8月末プラハを訪れた際、スリにしてやられました。そのときの顛末をご報告いたします。
ところはプラハ中央駅。午後4時半すぎでした。ドレスデンに向かう列車に乗ろうとしていたときのことです。ブタペストからの長距離列車が15分遅れで到着。前から2両目の列車に乗り込みましたら、中から降り損ねた乗客5、6人とぶつかり、結局小生と同じく列車に乗り込もうとしていた数人と下車を余儀なくされました。もう降りてくる乗客はないように思えましたので再度乗車しましたら同じような顛末。今度は車両が当駅で切り離されて車庫に入るというアナウンスで、プラハで下車する意図のない乗客までが車掌に強制的に降ろされ、再び事情を知らずに乗車しようとする人間と押し合いへしあいとなり、このゴタゴタの際に尻ポケットに入れていた財布を盗まれました。「やられた!」と瞬時に悟ったのですが、降りてスリを追っかけようにも列車内の狭いところで身動きがとれず、やっと下車したときにはすでにスリの影はもうありませんでした。

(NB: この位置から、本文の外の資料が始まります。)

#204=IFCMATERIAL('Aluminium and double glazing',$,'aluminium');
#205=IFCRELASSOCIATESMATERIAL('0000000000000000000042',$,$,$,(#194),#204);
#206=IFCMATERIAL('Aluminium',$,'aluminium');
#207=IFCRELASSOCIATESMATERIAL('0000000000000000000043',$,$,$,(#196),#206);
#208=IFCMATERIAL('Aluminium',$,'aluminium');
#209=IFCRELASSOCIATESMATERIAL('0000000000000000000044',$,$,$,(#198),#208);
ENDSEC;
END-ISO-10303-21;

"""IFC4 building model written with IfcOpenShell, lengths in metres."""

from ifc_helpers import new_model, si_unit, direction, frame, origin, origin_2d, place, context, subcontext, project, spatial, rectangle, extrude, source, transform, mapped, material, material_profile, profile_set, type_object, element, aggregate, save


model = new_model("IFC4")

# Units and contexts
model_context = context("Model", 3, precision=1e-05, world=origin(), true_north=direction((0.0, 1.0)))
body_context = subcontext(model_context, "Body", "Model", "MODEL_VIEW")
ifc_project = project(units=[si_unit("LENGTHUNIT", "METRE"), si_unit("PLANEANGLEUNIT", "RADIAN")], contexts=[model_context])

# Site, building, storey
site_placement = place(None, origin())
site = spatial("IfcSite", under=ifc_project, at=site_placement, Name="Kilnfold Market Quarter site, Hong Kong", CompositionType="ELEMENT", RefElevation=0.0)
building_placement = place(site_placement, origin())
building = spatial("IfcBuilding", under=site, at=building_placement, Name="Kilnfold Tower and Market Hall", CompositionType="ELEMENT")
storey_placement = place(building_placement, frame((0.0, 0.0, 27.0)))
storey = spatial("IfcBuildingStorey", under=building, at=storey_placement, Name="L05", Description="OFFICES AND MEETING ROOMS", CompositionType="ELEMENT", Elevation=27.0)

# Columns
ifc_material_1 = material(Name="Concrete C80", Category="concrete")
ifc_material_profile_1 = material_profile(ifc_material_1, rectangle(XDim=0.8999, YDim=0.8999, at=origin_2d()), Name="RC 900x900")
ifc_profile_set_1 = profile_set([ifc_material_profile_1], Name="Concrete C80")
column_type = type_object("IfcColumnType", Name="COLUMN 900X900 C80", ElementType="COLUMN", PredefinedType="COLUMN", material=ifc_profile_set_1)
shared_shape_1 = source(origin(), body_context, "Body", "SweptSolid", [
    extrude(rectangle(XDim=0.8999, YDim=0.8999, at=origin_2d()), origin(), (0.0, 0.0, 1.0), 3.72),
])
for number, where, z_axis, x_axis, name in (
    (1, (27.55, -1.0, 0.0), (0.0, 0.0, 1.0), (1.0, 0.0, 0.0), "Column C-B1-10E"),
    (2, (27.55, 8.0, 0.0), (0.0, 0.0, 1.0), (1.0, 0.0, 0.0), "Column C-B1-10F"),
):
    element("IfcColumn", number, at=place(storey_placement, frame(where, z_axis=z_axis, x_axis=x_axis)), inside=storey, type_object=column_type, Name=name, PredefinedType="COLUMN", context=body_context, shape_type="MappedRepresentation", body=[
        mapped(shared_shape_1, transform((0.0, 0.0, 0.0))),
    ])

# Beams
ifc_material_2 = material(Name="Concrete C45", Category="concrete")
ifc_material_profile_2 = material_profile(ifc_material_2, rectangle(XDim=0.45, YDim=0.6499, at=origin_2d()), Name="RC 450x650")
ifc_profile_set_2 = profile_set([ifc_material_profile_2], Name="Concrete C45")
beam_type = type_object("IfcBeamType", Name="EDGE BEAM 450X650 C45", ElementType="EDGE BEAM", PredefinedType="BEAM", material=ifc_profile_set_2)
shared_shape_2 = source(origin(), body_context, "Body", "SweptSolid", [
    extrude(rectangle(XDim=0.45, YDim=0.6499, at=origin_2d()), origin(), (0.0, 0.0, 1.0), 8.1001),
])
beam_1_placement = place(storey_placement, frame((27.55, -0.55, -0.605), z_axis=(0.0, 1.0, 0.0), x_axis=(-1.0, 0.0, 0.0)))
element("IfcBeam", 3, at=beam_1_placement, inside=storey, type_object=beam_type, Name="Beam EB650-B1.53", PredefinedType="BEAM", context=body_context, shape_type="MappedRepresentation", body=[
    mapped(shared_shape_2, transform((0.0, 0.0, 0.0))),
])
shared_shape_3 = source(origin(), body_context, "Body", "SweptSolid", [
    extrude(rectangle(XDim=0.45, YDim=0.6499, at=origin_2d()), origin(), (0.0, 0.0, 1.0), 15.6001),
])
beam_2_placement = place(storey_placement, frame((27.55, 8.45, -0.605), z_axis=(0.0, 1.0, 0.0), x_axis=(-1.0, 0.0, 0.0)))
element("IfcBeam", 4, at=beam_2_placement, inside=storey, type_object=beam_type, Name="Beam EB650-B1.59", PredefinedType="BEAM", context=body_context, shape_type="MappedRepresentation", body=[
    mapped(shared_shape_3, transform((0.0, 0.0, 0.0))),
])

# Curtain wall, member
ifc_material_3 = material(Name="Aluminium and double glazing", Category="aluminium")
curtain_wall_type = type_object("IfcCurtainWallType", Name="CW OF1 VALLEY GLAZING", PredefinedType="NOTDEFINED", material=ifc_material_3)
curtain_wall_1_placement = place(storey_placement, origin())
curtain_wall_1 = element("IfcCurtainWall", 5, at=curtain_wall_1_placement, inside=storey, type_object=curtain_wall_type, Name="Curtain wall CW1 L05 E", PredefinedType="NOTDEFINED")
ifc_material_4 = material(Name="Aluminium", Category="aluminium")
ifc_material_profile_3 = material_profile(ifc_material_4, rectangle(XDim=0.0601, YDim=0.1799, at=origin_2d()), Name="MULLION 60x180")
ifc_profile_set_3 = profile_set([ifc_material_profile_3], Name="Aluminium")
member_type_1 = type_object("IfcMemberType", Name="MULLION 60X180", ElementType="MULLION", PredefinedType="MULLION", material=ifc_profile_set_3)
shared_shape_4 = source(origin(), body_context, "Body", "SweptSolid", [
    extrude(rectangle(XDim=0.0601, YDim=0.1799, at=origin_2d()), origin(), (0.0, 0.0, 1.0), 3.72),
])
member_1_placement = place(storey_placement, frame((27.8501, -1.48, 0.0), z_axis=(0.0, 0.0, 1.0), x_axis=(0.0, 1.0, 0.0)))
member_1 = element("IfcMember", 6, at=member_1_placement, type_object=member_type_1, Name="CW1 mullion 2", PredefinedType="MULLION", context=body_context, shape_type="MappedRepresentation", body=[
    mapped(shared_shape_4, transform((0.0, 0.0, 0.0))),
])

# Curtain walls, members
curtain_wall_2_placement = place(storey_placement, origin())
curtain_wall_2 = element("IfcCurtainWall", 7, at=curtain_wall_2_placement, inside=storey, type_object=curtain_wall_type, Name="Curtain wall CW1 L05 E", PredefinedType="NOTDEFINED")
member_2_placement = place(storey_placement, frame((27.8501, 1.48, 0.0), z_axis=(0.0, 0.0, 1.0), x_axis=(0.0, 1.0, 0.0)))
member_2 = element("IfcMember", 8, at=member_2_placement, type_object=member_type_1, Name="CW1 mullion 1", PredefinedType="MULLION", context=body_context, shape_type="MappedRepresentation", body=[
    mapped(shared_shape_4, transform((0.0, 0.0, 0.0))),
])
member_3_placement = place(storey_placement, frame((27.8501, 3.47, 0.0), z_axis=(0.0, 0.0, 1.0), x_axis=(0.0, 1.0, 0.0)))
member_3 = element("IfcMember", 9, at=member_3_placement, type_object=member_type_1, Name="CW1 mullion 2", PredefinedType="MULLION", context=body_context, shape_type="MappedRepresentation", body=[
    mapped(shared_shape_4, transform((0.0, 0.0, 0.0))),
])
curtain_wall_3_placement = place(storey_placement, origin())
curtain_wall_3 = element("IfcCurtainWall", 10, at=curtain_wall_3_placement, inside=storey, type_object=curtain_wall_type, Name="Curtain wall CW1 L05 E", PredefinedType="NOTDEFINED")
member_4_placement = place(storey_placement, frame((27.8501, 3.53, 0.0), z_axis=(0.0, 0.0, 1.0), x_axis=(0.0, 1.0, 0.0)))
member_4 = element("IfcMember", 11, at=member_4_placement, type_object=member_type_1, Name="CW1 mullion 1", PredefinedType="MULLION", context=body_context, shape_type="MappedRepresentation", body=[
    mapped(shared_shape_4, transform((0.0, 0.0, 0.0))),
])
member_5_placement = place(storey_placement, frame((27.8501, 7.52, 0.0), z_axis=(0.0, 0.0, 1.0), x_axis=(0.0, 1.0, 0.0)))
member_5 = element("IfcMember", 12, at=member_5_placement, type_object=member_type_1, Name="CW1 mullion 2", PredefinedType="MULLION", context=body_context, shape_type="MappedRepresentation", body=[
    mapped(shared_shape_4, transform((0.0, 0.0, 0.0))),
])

で、深呼吸をしてから、「さぁ どうする?」と考えました。目前のドレスデン行きの列車は発車寸前です。しかし列車の切符はクレジットカードや免許証などと一緒に財布の中で、手元には一銭の金もありません。あるのはパスポートと同様の効能のあるID(アイデンティティー・カード)のみ。さすがに困窮しましたが、夜どうしてもドレスデン経由でライプチヒに着かねばならない事情がありましたので再度列車に乗り込みました。まもなく列車が動き出し、携帯電話で家内に電話してクレジットカードを閉鎖させていると、チェコ人の車掌が切符の確認にやってきましたので、「プラハの駅でスリにやられた。切符も金も何もない」といいましたら「That’s normal」とだけ言い残して素通り。一時間ほどして列車がドイツに入ったところで今度はドイツ人の車掌が切符の確認にやってきました。事情を説明すると「それはお困りでしょうね。ライプチヒまでおいでですか?ドレスデンで乗り換えたら同じように車掌に事情を説明してください。代金は不要になるでしょう」という返事。この車掌、スリ被害の申し出にしばしば出くわしているような口ぶりでした。結局、公な無賃乗車でなんとかライプチヒまで辿りつきました。ホテルはあらかじめ予約してあり、担保に盗まれたのとは別のクレジットカードの番号を知らせてありましたので、何とか難を免れ、さらにホテルのレストランで空腹を満たすことができたのは不幸中の幸いでした。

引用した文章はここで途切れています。